なぜエジプトで“味の素"が売れるのか?

エジプトの食卓に革命を起こす男(上)

早くから海外に進出し、現在26の国と地域で事業展開する食品メーカー・味の素。実は、同社の2012年度の海外売上比率は41%に達し、海外利益比率はすでに5割を超えている。さらに2016年度に営業利益1000億円以上を目指しているが、その起爆剤となるのは海外事業だ。ターゲットは世界の食品メーカートップ10入りである。

本格的なグローバル企業に向け、同社はアフリカと中近東諸国をアセアンや南米に次ぐ成長市場と位置づけて、積極的な進出計画を打ち出している。2011年には一気にエジプト、トルコ、コートジボアール、バングラデシュの4カ所に現地法人を設立。また、2013年度中に東アフリカ・ケニアへも進出する見込みだ。国内市場依存型が多い日本の食品産業の中で、同社が推し進めるグローバル経営は目を引く。
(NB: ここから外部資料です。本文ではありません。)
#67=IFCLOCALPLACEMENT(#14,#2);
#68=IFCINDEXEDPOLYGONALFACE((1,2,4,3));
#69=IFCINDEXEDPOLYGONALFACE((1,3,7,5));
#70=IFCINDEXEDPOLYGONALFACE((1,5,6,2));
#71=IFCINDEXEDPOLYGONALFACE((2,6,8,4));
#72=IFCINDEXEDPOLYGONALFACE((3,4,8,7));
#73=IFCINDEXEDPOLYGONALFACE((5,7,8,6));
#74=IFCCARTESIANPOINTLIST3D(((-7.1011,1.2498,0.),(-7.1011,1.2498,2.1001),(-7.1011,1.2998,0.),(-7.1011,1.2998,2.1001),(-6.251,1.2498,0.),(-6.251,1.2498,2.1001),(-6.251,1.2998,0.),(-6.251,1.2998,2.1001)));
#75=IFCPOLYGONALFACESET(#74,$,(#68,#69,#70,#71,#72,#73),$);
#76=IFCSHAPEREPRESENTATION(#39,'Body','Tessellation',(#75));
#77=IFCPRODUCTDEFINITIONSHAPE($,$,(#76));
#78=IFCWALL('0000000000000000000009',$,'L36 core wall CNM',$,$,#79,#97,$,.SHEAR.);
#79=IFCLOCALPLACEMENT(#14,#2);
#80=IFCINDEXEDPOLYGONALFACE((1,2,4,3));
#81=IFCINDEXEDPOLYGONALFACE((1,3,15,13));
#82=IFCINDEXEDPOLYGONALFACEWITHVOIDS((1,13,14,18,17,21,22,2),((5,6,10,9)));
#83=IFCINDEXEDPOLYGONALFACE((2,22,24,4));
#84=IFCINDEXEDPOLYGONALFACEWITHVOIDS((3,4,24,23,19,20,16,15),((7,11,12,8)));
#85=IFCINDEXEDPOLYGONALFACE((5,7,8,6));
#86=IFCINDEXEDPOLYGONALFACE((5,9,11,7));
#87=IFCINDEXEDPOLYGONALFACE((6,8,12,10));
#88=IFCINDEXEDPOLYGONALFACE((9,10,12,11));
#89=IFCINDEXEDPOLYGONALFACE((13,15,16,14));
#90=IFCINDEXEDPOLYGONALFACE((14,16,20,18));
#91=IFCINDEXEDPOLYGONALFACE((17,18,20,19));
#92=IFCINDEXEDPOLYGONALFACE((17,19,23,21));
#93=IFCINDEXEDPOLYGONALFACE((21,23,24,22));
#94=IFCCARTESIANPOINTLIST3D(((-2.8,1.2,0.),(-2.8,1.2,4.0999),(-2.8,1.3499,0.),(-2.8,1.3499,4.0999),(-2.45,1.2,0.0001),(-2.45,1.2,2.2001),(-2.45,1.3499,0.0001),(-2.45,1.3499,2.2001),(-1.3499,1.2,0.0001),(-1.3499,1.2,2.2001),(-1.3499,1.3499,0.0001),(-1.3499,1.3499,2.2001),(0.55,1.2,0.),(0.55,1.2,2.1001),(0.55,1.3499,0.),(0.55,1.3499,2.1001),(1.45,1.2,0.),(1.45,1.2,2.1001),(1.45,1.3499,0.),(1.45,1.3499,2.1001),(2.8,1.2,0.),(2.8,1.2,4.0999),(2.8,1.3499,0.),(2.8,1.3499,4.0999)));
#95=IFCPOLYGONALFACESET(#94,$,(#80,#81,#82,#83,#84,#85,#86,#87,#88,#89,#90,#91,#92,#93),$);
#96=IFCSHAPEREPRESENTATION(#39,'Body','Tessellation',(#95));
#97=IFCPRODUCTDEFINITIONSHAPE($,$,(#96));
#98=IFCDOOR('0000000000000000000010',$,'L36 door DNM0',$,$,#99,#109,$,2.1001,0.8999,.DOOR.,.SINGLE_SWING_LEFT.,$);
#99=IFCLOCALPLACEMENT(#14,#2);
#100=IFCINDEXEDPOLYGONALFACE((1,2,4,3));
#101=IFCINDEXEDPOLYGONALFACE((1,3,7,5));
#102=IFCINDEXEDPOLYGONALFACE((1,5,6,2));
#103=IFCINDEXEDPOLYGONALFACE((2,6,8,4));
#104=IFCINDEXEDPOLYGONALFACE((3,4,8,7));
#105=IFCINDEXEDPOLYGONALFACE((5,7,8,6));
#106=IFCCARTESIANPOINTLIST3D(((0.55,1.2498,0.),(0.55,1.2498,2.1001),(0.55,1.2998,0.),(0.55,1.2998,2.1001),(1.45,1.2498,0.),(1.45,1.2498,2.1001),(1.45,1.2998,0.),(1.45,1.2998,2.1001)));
重要度を増す新興国市場の開拓。グローバルカンパニーを目指す味の素の挑戦の、まさに最前線がここエジプトなのだ。

人の“口”があるからエジプトで売る

イスラム世界に「アラブの春」が起こったのは2年ほど前のことだ。エジプトでは30年近く続いたムバラク独裁政権が倒れ、一気に民主化が進むと思われた。しかし、モルシ新政権は民衆の不満を受け1年で退陣。再び軍が介入する政変が起こり、いまだ国内情勢は混乱したままだ。そんな状況下のエジプトに、なぜ味の素は進出を決め、ビジネスを続けているのか。宇治社長の答えは明快だ。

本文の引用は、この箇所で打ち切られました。